Everyone bonds during feeding times
Bali Rose is growing. She’s being nourished. It’s so funny because any time someone comes over to the house we go, ‘You have to feed her. You have to feed her.’
It’s such a powerful connecting moment with her when you’re feeding her, because she just looks at you and she knows that she’s safe. She’s being nourished and she’s drinking an organic formula that tastes good to her and she loves it. The most amazing thing, for us, we’ve noticed she doesn’t spit up! I don’t know what it is, she loves it and doesn’t want to waste a drop of Bobbie. It all goes down!
Baby’s first West Hollywood Pride celebration
I see us having just a small amount of people here at the house this year and celebrating who we are as a family and celebrating everyone else who comes to our house and their individuality, and just Pride in general. I think it’s going to be more tame, a little bit more pulled back from the typical West Hollywood Pride celebration.
Before she was even born, I got this heather gray tracksuit with rainbow stripes down the arm, and I was like ‘This is her Pride brunch jumpsuit’.

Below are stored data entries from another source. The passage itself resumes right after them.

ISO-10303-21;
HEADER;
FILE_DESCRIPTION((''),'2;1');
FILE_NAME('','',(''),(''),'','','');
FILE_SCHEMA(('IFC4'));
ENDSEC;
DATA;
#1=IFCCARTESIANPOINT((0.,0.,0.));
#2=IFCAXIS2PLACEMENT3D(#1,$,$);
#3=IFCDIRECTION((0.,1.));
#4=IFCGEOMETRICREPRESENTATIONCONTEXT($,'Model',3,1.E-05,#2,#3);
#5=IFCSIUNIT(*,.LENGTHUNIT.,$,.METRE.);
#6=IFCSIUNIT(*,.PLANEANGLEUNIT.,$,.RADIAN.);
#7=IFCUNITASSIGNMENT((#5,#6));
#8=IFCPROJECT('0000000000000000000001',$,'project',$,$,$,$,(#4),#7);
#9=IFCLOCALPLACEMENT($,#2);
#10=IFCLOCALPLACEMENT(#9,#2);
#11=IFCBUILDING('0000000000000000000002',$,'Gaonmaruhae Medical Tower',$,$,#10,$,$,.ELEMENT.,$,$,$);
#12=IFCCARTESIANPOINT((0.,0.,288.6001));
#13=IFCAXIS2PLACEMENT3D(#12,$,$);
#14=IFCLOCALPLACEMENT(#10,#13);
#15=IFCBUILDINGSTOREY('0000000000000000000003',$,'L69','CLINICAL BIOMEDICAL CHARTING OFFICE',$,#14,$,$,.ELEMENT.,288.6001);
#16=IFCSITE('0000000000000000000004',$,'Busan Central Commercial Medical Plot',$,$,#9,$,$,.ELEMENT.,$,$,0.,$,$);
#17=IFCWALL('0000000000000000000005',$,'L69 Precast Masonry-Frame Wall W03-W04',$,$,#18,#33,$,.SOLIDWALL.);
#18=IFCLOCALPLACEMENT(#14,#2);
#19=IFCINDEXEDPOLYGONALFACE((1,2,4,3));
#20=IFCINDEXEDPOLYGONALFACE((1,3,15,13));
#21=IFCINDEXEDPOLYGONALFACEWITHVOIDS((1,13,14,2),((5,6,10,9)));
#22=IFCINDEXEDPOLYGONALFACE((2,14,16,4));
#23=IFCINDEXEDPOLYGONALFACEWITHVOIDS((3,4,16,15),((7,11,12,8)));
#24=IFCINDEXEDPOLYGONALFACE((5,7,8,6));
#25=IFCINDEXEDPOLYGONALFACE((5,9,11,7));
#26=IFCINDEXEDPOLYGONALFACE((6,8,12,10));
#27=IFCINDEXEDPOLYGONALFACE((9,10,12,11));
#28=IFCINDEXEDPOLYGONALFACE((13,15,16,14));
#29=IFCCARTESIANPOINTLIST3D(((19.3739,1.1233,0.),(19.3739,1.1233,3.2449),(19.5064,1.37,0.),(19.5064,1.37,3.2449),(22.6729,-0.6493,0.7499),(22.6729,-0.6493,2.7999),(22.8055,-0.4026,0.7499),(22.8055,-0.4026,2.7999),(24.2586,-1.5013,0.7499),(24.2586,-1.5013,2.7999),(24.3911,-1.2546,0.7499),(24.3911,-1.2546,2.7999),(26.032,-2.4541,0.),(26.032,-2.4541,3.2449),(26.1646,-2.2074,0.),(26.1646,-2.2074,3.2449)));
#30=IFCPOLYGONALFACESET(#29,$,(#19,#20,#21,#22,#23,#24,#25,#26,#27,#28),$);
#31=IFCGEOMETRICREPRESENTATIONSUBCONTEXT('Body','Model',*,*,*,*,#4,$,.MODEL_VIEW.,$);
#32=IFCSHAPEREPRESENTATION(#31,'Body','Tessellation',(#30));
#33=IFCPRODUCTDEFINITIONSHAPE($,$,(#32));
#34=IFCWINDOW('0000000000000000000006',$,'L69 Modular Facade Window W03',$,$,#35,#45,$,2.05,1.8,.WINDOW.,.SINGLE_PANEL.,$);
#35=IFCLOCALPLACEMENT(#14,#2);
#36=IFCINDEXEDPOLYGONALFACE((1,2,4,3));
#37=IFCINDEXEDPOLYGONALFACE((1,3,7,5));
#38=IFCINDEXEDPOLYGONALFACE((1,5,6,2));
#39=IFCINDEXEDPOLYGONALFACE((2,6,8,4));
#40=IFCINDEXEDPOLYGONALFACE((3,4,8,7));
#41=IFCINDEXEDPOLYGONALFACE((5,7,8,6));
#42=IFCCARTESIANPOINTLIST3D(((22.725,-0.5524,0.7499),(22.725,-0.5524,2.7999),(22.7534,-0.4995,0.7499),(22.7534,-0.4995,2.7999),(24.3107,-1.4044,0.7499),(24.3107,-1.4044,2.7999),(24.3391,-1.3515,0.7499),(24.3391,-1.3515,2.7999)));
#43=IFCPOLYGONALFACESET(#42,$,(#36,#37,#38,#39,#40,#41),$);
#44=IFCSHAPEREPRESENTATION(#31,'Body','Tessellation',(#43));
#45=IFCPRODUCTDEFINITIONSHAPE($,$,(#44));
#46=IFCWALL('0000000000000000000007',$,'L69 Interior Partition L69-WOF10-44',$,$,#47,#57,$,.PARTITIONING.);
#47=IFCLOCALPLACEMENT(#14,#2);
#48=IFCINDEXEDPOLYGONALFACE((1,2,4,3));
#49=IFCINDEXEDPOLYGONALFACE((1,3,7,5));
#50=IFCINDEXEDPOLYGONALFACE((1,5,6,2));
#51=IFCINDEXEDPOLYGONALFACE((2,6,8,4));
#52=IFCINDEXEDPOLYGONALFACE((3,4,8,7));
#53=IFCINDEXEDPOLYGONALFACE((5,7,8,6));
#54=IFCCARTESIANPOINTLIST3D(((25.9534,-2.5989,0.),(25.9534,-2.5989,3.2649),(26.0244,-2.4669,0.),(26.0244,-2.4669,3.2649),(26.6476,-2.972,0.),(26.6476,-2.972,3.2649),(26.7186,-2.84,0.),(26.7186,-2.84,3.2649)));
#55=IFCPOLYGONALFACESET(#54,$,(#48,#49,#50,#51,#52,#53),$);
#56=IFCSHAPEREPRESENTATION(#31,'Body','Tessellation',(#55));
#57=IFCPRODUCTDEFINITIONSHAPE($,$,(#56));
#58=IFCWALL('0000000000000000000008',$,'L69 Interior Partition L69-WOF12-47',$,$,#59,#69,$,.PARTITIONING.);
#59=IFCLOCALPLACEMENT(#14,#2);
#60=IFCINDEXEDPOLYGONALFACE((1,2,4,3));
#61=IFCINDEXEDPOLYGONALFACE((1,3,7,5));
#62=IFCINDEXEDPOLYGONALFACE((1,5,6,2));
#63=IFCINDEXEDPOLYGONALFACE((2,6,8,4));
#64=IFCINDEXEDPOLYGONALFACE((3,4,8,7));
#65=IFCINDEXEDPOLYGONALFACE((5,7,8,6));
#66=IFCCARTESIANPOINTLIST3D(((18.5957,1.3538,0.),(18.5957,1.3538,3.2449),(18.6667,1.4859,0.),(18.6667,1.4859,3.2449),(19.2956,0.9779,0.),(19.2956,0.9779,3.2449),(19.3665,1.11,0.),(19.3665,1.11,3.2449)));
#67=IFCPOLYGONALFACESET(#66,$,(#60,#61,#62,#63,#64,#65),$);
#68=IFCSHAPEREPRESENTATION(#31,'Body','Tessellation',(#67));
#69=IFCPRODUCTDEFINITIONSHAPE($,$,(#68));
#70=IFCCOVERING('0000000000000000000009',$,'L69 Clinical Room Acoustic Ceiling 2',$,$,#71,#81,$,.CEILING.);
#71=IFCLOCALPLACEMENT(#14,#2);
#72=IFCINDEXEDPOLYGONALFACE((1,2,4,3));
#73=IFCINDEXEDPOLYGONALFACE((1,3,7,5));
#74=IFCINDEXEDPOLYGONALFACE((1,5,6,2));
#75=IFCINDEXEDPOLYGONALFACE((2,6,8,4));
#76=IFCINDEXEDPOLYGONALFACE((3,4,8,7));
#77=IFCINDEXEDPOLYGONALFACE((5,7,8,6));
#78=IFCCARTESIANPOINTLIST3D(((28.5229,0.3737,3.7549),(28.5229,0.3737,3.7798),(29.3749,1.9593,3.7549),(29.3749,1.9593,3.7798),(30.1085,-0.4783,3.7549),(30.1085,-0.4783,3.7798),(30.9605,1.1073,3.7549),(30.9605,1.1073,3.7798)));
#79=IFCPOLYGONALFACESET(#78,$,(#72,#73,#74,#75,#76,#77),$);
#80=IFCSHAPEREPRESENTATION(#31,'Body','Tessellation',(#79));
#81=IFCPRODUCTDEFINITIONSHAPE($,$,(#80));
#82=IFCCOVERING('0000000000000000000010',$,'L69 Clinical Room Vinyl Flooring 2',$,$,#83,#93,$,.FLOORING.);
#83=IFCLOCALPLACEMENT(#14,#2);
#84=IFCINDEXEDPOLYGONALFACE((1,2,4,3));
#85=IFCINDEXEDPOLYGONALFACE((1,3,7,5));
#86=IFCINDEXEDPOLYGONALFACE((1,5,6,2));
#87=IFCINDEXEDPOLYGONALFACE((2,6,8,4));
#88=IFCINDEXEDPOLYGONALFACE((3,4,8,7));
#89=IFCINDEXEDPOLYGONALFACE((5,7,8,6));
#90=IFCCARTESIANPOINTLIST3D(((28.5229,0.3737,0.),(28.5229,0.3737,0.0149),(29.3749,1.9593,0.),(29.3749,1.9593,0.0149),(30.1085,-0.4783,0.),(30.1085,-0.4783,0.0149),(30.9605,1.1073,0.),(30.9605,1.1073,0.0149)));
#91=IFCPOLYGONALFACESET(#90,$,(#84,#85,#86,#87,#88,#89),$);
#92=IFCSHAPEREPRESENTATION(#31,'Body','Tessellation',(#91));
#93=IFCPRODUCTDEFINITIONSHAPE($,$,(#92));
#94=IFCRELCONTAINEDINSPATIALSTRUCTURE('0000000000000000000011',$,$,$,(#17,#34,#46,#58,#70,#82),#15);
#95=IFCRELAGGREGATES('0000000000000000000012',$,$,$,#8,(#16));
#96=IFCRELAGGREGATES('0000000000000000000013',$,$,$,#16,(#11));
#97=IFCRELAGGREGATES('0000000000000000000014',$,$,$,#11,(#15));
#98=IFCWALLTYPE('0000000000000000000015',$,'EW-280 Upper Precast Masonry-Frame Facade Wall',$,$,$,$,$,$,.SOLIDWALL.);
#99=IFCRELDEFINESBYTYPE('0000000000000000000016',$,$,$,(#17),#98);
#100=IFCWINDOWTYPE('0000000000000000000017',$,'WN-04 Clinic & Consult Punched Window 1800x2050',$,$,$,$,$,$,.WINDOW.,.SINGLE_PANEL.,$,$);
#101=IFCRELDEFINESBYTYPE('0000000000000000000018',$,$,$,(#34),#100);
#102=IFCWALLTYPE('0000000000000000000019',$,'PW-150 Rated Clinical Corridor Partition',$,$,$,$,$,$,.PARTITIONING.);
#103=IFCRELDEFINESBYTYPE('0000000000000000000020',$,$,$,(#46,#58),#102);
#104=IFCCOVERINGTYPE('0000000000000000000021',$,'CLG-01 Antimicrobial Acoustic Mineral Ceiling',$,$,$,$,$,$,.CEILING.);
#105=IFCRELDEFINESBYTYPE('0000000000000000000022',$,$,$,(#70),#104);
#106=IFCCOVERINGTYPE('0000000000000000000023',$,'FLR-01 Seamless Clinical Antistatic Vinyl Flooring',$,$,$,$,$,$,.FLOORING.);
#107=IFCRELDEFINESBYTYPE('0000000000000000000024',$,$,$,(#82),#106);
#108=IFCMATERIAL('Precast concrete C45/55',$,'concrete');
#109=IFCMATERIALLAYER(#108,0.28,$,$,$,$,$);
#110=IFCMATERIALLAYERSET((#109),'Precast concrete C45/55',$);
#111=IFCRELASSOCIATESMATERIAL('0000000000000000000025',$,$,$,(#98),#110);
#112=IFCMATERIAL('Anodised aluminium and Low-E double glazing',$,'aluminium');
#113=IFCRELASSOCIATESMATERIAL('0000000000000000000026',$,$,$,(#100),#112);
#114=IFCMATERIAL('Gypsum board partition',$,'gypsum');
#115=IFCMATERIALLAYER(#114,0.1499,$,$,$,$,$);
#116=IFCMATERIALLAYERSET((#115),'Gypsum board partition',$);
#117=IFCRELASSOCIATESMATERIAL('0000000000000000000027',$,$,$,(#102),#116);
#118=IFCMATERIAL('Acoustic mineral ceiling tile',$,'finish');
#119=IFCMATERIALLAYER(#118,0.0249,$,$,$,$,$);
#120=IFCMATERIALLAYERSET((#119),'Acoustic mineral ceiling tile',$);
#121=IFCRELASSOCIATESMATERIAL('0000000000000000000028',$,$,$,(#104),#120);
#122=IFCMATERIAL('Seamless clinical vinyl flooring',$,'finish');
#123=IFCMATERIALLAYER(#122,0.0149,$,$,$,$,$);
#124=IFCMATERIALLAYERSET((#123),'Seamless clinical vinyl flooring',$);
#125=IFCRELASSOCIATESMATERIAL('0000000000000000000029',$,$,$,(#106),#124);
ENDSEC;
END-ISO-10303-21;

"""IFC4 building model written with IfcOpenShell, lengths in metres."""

from ifc_helpers import new_model, si_unit, direction, frame, frame_2d, origin, origin_2d, place, context, subcontext, project, spatial, rectangle, extrude, material, layer, layer_set, type_object, element, fill, save


model = new_model("IFC4")

# Units and contexts
model_context = context("Model", 3, precision=1e-05, world=origin(), true_north=direction((0.0, 1.0)))
body_context = subcontext(model_context, "Body", "Model", "MODEL_VIEW")
ifc_project = project(units=[si_unit("LENGTHUNIT", "METRE"), si_unit("PLANEANGLEUNIT", "RADIAN")], contexts=[model_context])

# Site, building, storey
site_placement = place(None, origin())
site = spatial("IfcSite", under=ifc_project, at=site_placement, Name="Busan Central Commercial Medical Plot", CompositionType="ELEMENT", RefElevation=0.0)
building_placement = place(site_placement, origin())
building = spatial("IfcBuilding", under=site, at=building_placement, Name="Gaonmaruhae Medical Tower", CompositionType="ELEMENT")
storey_placement = place(building_placement, frame((0.0, 0.0, 288.6001)))
storey = spatial("IfcBuildingStorey", under=building, at=storey_placement, Name="L69", Description="CLINICAL BIOMEDICAL CHARTING OFFICE", CompositionType="ELEMENT", Elevation=288.6001)

# Shared definitions
ifc_material_1 = material(Name="Precast concrete C45/55", Category="concrete")

# Shared definitions
ifc_layer_1 = layer(ifc_material_1, 0.28)
ifc_layer_set_1 = layer_set([ifc_layer_1], Name="Precast concrete C45/55")
wall_type_1 = type_object("IfcWallType", Name="EW-280 Upper Precast Masonry-Frame Facade Wall", PredefinedType="SOLIDWALL", material=ifc_layer_set_1)

# Wall, opening, window
wall_1_placement = place(storey_placement, frame((26.0984, -2.3308, 0.0), z_axis=(0.0, 0.0, 1.0), x_axis=(-0.880901, 0.4733, 0.0)))
wall_1 = element("IfcWall", 1, at=wall_1_placement, inside=storey, type_object=wall_type_1, Name="L69 Precast Masonry-Frame Wall W03-W04", PredefinedType="SOLIDWALL", context=body_context, shape_type="SweptSolid", body=[
    extrude(rectangle(XDim=7.5583, YDim=0.28, at=frame_2d((3.7793, 0.0))), origin(), (0.0, 0.0, 1.0), 3.2449),
])
opening_1_placement = place(wall_1_placement, frame((2.0134, 0.0, 0.75)))
opening_1 = element("IfcOpeningElement", 2, at=opening_1_placement, cuts=wall_1, PredefinedType="OPENING", context=body_context, shape_type="SweptSolid", body=[
    extrude(rectangle(XDim=1.8, YDim=2.05, at=frame_2d((0.8999, 1.0249))), frame((0.0, 0.1499, 0.0), z_axis=(0.0, -1.0, 0.0), x_axis=(1.0, 0.0, 0.0)), (0.0, 0.0, 1.0), 0.3),
])
ifc_material_2 = material(Name="Anodised aluminium and Low-E double glazing", Category="aluminium")
window_type = type_object("IfcWindowType", Name="WN-04 Clinic & Consult Punched Window 1800x2050", PartitioningType="SINGLE_PANEL", PredefinedType="WINDOW", material=ifc_material_2)
window_placement = place(opening_1_placement, origin())
window = element("IfcWindow", 3, at=window_placement, inside=storey, type_object=window_type, Name="L69 Modular Facade Window W03", OverallHeight=2.05, OverallWidth=1.8, PartitioningType="SINGLE_PANEL", PredefinedType="WINDOW", context=body_context, shape_type="SweptSolid", body=[
    extrude(rectangle(XDim=1.8, YDim=2.05, at=frame_2d((0.8999, 1.0249))), frame((0.0, 0.03, 0.0), z_axis=(0.0, -1.0, 0.0), x_axis=(1.0, 0.0, 0.0)), (0.0, 0.0, 1.0), 0.0601),
])
fill(opening_1, window)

What Pride means to me as a new dad
I’m proud that I stuck with all the hurdles we went through over the last six and a half years, because there was nothing more special than holding Bali Rose 10 minutes after she was born and watching Brad feed her her first bottle. There was something so magical about that, this little human being and her first breaths of life and then feeding her a bottle and now watching her grow over the past three months. I’m just so proud to be her Dad.
Embedded within the Bobbie DNA is the notion of inclusivity. Our formula allows parents and caregivers to confidently feed and bond with their babies — free of judgment and worry. During Pride month, the tenet of inclusivity feels all the more relevant. This was a great opportunity to share the stories of same-sex couples who have successfully started their biological families and have turned to Bobbie on their feeding journey. We share the story of Trans Dad, Trystan Reese, gay father, David Reed, and others we truly admire.